Infrastructure Musings

Where are we now?

At my previous company, we had a set of “pre-live” web servers that you could deploy your frontend changes to, for testing against production data. This was always a manual step though, because the pre-live servers used the same nginx+gunicorn architecture as our production servers. These had a roughly fixed number of worker processes, and the memory footprint of our python servers on startup was ~300MB/process. We also had the pre-live servers on their own ECS cluster, with fixed capacity, so there were a limited number of slots for deploying pre-live servers into.

Even with these limitations, the pre-live web servers were extremely popular. They reduced the friction of reviewing PRs (developers were responsible for doing QA for each other), and made it easy to share work-in-progress with designers/product-owners for feedback. I have been on the look-out for equivalents ever since.

Recently, I’ve been writing patches to Excalidraw, which takes things a step further. On each pull request, it builds everything and deploys it to vercel, so you get a message like this in each PR, with a url where your reviewer can preview your work.

This is now my infrastructure nirvana.

Excalidraw is using Vercel for their deployments, but Vercel isn’t the only service that offers this capability. The ~Talent Compass~ SoMo team has been using Render with a very similar workflow. I found an article that lists a bunch of other options here.

The thing that all of these providers have in common is the ability to scale to zero (like how e.g. Amazon Lambda does). This is crucial. If you are providing this as a free-tier service, you can’t afford to be wasting resources on PRs that stay open forever without anyone looking at them.

Aside on Function as a Service

The most prominent example of a service that will allow you to scale to zero is Amazon Lambda. The generic term for this is Function as a Service (FaaS). There are many implementations of this idea, including an open-source one called OpenFaaS.

Is this suitable for every project?

It depends how your state is managed. In Excalidraw, all of the state is managed in the browser, so this is perfect. It gets more complicated as soon as you need to interact with databases, job queues and external services.

If your service only ever reads from a database then you can probably get away with handing out read-only access to a DB that’s shared between all preview sites.

If your database migrations are enough to bring up a minimal database, and you have scripts that can populate it with example data, you’re also in a good place, because you can create an empty database for each preview deployment, and write a script to delete old databases. Small unused databases don’t cost much. That said, you’re already pushing the limits of reasonableness at this point.

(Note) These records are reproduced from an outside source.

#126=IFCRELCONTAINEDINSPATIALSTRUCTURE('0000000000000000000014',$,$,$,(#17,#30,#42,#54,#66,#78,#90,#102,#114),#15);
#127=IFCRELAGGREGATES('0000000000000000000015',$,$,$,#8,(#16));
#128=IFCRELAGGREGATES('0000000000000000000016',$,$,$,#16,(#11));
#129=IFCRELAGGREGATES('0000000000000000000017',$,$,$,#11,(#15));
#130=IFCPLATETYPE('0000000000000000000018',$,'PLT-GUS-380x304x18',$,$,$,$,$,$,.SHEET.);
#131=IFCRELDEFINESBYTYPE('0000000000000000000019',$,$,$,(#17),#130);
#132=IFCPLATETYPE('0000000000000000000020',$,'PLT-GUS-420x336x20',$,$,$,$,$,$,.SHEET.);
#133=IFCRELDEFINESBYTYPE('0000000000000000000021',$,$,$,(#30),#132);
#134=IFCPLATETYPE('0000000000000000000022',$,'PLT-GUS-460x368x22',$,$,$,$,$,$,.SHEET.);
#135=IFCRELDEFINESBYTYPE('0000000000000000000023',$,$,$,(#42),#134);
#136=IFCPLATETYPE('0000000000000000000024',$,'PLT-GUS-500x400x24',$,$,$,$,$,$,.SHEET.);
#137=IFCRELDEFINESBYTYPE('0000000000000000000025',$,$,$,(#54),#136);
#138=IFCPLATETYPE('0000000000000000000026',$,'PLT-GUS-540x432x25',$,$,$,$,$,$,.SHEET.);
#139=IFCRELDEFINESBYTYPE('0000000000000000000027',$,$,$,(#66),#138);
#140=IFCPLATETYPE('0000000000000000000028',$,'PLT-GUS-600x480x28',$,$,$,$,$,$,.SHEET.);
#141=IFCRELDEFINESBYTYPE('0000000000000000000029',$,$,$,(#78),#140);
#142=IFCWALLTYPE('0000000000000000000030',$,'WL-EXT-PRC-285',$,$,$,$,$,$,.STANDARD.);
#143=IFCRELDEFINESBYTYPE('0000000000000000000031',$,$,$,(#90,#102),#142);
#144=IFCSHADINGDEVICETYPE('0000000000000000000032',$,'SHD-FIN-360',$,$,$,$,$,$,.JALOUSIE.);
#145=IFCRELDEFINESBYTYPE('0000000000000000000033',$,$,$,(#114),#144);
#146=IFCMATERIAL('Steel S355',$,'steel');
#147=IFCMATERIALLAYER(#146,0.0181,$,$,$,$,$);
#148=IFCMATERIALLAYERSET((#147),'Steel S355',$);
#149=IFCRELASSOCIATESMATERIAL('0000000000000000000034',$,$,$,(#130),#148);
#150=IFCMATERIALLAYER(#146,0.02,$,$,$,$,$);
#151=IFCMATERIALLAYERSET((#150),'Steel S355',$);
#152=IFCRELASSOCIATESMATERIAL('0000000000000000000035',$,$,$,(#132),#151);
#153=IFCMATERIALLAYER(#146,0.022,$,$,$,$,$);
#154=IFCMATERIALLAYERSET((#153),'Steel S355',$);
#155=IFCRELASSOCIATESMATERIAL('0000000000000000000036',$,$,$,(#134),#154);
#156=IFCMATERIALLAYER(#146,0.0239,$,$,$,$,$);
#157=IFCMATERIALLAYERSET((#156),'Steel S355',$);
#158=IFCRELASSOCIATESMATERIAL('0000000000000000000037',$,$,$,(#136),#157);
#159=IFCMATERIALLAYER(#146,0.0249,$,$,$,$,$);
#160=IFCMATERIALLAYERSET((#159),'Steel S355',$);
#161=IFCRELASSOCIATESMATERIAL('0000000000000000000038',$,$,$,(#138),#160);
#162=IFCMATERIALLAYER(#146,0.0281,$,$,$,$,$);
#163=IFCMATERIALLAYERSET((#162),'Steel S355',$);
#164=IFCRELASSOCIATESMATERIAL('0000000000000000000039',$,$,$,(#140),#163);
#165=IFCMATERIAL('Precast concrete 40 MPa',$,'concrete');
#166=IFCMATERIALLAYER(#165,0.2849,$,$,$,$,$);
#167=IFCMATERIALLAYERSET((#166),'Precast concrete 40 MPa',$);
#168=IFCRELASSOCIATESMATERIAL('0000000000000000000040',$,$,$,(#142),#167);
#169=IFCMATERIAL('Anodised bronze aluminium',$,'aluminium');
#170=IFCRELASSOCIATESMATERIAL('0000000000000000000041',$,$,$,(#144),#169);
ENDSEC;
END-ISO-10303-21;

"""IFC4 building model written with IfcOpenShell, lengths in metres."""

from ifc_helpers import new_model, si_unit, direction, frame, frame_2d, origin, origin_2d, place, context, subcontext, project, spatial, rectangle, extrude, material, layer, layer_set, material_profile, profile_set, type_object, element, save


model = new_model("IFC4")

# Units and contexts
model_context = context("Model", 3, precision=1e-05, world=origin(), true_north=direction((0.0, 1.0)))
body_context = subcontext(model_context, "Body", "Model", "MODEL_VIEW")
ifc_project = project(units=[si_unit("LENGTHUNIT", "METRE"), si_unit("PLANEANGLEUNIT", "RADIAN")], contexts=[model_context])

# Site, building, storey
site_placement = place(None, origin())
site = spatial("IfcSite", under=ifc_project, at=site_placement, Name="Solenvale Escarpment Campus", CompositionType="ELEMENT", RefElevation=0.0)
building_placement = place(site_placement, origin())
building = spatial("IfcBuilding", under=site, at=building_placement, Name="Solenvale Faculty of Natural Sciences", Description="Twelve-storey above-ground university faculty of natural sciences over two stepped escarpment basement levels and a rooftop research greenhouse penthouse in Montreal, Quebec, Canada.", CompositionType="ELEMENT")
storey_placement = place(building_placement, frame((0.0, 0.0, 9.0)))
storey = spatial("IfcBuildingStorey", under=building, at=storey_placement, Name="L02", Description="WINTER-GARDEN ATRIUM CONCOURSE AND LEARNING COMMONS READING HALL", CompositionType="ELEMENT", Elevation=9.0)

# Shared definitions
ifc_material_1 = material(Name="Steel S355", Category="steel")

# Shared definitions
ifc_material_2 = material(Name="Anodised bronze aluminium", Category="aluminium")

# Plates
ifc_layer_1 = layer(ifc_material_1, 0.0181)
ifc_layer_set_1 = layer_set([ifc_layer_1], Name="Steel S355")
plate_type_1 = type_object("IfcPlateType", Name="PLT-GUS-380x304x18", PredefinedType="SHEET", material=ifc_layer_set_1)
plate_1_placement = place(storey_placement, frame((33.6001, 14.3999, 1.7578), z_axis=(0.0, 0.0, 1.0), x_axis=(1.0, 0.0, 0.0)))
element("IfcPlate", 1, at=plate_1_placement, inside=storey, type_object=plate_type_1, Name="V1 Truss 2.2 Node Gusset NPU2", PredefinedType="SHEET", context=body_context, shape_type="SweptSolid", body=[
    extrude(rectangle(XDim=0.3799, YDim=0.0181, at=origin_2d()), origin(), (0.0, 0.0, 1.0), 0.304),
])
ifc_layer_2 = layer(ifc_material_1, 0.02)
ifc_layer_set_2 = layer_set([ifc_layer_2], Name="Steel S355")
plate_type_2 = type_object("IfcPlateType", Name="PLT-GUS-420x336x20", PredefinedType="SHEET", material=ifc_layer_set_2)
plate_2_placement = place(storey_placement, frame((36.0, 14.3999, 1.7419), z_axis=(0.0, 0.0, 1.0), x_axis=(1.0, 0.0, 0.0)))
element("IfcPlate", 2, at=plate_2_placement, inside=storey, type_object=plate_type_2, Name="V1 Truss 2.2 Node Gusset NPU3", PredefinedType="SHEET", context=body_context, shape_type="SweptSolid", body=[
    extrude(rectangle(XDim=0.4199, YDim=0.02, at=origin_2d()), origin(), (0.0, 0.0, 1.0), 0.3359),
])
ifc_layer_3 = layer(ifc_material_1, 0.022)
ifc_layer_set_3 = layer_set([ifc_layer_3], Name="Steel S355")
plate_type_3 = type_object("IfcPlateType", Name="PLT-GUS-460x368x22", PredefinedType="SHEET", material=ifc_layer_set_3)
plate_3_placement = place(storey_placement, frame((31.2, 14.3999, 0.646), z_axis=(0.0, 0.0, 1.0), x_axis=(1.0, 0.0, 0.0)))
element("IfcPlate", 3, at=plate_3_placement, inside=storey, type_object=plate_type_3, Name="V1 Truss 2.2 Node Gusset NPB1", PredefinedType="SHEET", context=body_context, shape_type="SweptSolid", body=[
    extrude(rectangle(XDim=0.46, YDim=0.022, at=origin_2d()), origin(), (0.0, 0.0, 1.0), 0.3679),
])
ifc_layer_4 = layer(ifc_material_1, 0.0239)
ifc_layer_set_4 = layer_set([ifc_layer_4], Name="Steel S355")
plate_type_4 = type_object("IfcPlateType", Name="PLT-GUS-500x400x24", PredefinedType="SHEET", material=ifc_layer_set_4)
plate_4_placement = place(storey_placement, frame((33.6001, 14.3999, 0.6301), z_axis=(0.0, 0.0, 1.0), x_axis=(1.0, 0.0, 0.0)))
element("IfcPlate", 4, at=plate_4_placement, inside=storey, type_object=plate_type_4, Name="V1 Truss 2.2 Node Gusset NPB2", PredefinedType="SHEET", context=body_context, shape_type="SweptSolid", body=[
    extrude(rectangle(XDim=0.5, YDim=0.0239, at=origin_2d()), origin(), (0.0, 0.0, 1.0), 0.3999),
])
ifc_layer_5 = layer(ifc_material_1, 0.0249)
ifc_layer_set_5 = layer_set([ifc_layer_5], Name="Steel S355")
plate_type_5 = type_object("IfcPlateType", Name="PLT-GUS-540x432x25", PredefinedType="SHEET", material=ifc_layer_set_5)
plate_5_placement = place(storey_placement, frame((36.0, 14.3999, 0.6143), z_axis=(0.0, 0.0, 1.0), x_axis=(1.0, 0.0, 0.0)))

In general, this problem is harder to set up than the “give me a development environment on my local laptop” problem (you should definitely get local development working first), but reduces friction once you have it. The difficulty arises mostly because it needs to be multi-tenant, and it’s not allowed to have any manual steps in it. You have to decide whether this is worth it.

It’s also worth mentioning that if you’re following the recommendations in “Accelerate”, you will be doing something close to trunk-based development anyway, and your pull requests will not diverge from the main branch very much, so they can reasonably be tested on localhost or staging (or even prod, if you’re confident with your automated testing and feature flagging infrastructure, but at least one person smoke-testing on localhost is probably a good idea).

Talking to Sam Taylor about this, he convinced me that it’s fine for stateless web components in a PaaS, but should probably be avoided for anything more complex. He also made the point that it doesn’t help you at all with async services like queue consumers, or the interaction between web tier and async tier code. I would argue that you probably don’t want to deploy any risky frontend-backend interactions as part of a single pull request anyway.

Could you build something like this on your own infrastructure?

I think this is what I want to find out.

Assuming you have already bought into kubernetes, I wonder whether you could get your ingress to cooperate with OpenFaaS and give you subdomain-per-pull-request previews. I also wonder whether it would be reasonable to dump this into your production cluster, with appropriate resource limits.

Maybe this is how I will spend my bench time.

First stab at this

Note that OpenFaaS only gives you a single endpoint per docker image. This is probably fine if you’re using graphql, but might be awkward if you’re trying to serve a richer REST api.

I think what you need to do is:

• Decide on a mapping between pull request and function name

• For each pull request:

  • faas-cli build --image $PREFIX/$IMAGE:$PR_ID-$COMMIT docker image for the function
  • faas-cli push --image $PREFIX/$IMAGE:$PR_ID-$COMMIT
  • faas-cli deploy --image $PREFIX/$IMAGE:$PR_ID-$COMMIT --name $PR_ID
  • Build and deploy static assets to CDN
  • Make a new subdomain for the preview url
  • Fiddle with your ingress configs:
    • Arrange for the preview subdomain’s static assets point at the CDN.
    • Arrange for the preview subdomain’s graphql url to point to /function/$PR_ID

To scale to zero:

• Keep track of invocation count for each function (prometheus-style). This can be done with the /system/functions endpoint.
• If a function has not been used for $timeout, scale it down by POSTing {"replicas: 0} to /system/scale-function/${function}.